Actors are created to monitor the reasons of key movement:
(1) `MountainChopper` and `ValleyFiller` actors periodically measure a random server team’s utilization and rebalance the server’s keys among other servers;
(2) `shardMerger` and `shardSplitter` actors take a shard as input and respectively evaluates if the input shard can be merged with its neighboring shards without creating a too big shard and if the shard should be split. Once new shards are created, the actors create the shard’s tracker and send `RelocateShard` requests to DD’s queue;
(3) `serverTeamRemover` and `machineTeamRemover` actors periodically evaluate if the number of server teams and machine teams is larger than the desired number. If so, they respectively pick a server team or a machine team to remove based on predefined criteria;
(4) `teamTracker` actor monitors a team’s healthiness. When a server in the team becomes unhealthy, it issues the `RelocateShard` request to repair the replication factor. The less servers a team has, the higher priority the `RelocateShard` request will be.

### How to move keys?

A key range is a shard. A shard is the minimum unit of moving data. The storage server’s ownership of a shard -- which SS owns which shard -- is stored in the system keyspace *serverKeys* (`\xff/serverKeys/`) and *keyServers* (`\xff/keyServers/`). To simplify the explanation, we refer to the storage server’s ownership of a shard as a shard’s ownership.

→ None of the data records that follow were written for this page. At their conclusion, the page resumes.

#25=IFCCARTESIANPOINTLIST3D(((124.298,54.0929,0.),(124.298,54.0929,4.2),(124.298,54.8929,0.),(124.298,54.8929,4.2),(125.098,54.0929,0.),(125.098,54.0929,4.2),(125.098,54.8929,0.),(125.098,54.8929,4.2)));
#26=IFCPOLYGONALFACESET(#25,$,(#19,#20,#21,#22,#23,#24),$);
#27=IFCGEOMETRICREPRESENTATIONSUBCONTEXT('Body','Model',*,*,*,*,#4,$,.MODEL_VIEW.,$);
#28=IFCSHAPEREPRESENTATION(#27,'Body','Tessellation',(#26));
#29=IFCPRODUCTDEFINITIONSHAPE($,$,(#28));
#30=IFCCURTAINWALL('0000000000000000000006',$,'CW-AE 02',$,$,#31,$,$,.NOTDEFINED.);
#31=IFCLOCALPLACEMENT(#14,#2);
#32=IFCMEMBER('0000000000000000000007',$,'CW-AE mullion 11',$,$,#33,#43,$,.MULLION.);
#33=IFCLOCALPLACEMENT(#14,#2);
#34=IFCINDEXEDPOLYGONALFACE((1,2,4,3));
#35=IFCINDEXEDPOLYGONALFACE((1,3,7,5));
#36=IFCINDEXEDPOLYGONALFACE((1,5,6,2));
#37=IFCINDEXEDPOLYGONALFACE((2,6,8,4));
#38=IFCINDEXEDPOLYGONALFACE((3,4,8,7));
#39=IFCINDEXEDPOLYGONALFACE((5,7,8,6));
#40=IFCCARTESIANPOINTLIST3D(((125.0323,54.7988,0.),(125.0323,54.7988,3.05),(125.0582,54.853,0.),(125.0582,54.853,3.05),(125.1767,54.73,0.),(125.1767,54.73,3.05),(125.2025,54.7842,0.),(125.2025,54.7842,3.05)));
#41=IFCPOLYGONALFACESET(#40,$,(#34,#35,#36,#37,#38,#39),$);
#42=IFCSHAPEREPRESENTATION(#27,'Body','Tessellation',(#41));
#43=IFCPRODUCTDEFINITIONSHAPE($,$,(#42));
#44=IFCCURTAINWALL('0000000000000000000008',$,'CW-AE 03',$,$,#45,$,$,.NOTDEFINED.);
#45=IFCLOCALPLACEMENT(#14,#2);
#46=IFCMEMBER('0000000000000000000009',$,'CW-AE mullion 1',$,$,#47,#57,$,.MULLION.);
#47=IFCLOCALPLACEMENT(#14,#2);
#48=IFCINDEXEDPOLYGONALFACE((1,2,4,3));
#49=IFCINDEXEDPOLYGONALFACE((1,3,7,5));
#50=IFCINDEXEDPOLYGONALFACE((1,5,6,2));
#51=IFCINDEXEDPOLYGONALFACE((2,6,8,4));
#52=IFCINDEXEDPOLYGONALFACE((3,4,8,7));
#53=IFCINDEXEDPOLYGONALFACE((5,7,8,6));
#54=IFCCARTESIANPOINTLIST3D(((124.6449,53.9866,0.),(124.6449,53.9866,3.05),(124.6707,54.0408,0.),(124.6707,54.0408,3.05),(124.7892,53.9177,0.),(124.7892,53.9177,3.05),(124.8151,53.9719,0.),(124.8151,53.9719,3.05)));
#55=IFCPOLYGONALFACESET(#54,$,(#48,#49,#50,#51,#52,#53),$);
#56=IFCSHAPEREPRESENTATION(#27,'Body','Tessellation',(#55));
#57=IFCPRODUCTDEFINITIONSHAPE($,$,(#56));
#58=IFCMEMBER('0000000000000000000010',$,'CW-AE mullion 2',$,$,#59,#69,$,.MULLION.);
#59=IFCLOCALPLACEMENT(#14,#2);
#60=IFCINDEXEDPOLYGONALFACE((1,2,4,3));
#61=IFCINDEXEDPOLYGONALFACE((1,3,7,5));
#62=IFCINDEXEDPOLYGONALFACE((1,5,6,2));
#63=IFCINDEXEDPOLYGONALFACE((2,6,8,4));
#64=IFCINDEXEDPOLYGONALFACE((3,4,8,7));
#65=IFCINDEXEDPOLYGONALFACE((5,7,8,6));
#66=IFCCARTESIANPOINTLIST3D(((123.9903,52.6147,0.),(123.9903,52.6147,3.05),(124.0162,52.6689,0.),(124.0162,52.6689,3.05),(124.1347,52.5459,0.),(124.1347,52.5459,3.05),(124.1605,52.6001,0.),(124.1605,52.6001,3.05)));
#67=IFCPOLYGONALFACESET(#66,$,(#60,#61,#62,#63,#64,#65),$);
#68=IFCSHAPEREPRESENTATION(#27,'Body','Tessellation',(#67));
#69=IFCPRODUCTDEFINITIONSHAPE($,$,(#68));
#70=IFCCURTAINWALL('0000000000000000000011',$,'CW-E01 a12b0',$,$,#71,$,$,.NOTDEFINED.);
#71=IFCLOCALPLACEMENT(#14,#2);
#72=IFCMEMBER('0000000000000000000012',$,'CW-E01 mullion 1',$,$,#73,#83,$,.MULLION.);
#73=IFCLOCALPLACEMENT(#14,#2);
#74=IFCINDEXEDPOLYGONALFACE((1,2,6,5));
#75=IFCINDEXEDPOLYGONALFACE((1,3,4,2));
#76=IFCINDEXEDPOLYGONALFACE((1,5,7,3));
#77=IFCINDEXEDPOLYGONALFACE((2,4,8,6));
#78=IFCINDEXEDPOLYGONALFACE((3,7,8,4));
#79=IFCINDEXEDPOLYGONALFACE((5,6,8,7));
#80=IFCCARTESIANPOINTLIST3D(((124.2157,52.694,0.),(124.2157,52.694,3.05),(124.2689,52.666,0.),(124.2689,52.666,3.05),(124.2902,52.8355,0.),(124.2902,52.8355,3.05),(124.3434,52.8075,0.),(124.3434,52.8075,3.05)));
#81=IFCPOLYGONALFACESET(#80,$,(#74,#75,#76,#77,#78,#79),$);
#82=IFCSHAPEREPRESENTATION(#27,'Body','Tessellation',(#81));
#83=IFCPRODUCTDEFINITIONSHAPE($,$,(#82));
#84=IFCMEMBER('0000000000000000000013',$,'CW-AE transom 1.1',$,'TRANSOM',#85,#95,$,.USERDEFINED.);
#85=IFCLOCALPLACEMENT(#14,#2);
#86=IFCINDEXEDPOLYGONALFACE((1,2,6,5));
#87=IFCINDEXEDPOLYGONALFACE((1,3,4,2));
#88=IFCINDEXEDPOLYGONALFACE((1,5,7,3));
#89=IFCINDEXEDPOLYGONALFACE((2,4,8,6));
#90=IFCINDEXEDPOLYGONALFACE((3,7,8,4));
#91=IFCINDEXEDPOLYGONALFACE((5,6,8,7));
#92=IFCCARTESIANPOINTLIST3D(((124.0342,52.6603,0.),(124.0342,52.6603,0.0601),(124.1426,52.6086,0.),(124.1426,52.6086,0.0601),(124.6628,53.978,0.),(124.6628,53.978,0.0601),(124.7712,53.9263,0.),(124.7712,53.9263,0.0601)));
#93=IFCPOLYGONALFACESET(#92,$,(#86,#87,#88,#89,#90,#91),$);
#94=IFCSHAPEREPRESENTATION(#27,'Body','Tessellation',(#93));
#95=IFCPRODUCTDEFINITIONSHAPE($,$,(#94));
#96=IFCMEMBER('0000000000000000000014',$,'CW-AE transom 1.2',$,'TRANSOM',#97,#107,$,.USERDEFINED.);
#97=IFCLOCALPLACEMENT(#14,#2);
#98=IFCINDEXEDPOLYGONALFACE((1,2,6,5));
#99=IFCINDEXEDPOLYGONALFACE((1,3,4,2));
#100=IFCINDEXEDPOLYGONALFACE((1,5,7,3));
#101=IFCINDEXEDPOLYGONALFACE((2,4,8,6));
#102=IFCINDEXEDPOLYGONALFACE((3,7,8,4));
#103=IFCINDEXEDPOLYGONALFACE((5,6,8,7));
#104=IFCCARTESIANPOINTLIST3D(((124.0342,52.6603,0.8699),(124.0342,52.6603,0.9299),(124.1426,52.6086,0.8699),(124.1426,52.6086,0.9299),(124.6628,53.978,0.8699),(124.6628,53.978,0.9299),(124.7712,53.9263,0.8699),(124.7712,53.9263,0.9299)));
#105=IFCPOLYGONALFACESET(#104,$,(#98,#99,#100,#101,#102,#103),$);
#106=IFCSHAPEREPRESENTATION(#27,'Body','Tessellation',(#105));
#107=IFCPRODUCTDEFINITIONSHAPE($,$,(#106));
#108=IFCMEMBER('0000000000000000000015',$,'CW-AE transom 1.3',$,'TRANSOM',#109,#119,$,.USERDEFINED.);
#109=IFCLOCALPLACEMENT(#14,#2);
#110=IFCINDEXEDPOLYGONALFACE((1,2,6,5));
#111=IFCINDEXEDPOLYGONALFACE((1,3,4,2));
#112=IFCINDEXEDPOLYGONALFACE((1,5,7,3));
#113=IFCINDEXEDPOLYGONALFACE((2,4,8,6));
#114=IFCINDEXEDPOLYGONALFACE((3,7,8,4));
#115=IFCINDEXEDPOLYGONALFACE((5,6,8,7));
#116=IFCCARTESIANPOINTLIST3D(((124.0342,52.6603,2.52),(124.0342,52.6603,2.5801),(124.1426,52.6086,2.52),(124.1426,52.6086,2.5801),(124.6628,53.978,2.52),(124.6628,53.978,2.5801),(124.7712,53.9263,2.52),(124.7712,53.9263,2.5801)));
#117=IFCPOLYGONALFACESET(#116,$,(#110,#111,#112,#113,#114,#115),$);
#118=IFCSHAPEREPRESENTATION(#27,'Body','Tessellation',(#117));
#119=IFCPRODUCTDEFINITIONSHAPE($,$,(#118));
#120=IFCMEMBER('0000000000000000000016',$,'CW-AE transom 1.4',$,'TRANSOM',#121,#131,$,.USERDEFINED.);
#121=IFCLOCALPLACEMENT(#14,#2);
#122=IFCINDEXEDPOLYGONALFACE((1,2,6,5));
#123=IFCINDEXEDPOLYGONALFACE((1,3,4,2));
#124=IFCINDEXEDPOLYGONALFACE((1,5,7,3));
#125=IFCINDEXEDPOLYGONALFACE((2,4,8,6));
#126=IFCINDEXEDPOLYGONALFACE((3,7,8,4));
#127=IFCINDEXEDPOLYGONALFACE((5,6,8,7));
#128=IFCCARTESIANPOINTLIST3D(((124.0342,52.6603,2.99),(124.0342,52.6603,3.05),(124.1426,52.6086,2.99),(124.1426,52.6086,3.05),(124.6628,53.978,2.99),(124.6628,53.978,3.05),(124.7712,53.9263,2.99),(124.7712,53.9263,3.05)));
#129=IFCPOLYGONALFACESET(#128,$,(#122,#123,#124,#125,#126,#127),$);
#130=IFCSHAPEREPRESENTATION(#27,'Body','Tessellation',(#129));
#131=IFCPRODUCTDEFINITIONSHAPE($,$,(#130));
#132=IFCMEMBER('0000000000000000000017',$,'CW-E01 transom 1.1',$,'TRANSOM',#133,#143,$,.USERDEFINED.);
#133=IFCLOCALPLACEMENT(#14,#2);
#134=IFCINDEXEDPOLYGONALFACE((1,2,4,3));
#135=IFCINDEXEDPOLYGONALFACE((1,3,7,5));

A shard’s ownership is used in transaction systems (commit proxy and tLogs) to route mutations to tLogs and storage servers. When a commit proxy receives a mutation, it uses the shard’s ownership to decide which *k* tLogs receive the mutation, assuming *k* is the replias factor. When a storage server pulls mutations from tLogs, it uses the shard’s ownership to decide which shards the SS is responsible for and which tLog the SS should pull the data from.

A shard’s ownership must be consistent across transaction systems and SSes, so that mutations can be correctly routed to SSes. Moving keys from a SS to another requires changing the shard’s ownership under ACID property. The ACID property is achieved by using FDB transactions to change the *serverKeys *(`\xff/serverKeys/`) and *keyServers* (`\xff/keyServers/`). The mutation on the *serverKeys *and* keyServers *will be categorized as private mutations in transaction system. Compared to normal mutation, the private mutations will change the transaction state store (txnStateStore) that maintains the *serverKeys* and *keyServers* for transaction systems (commit proxy and tLog) when it arrives on each transaction component (e.g., tLog). Because mutations are processed in total order with the ACID guarantees, the change to the txnStateStore will be executed in total order on each node and the change on the shard’s ownership will also be consistent.

The data movement from one server (called source server) to another (called destination server) has four steps:
(1) DD adds the destination server as the shard’s new owner;
(2) The destination server will issue transactions to read the shard range and write the key-value pairs back. The key-value will be routed to the destination server and saved in the server’s storage engine;
(3) DD removes the source server from the shard’s ownership by modifying the system keyspace;
(4) DD removes the shard’s information owned by the source server from the server’s team information (i.e., *shardsAffectedByTeamFailure*).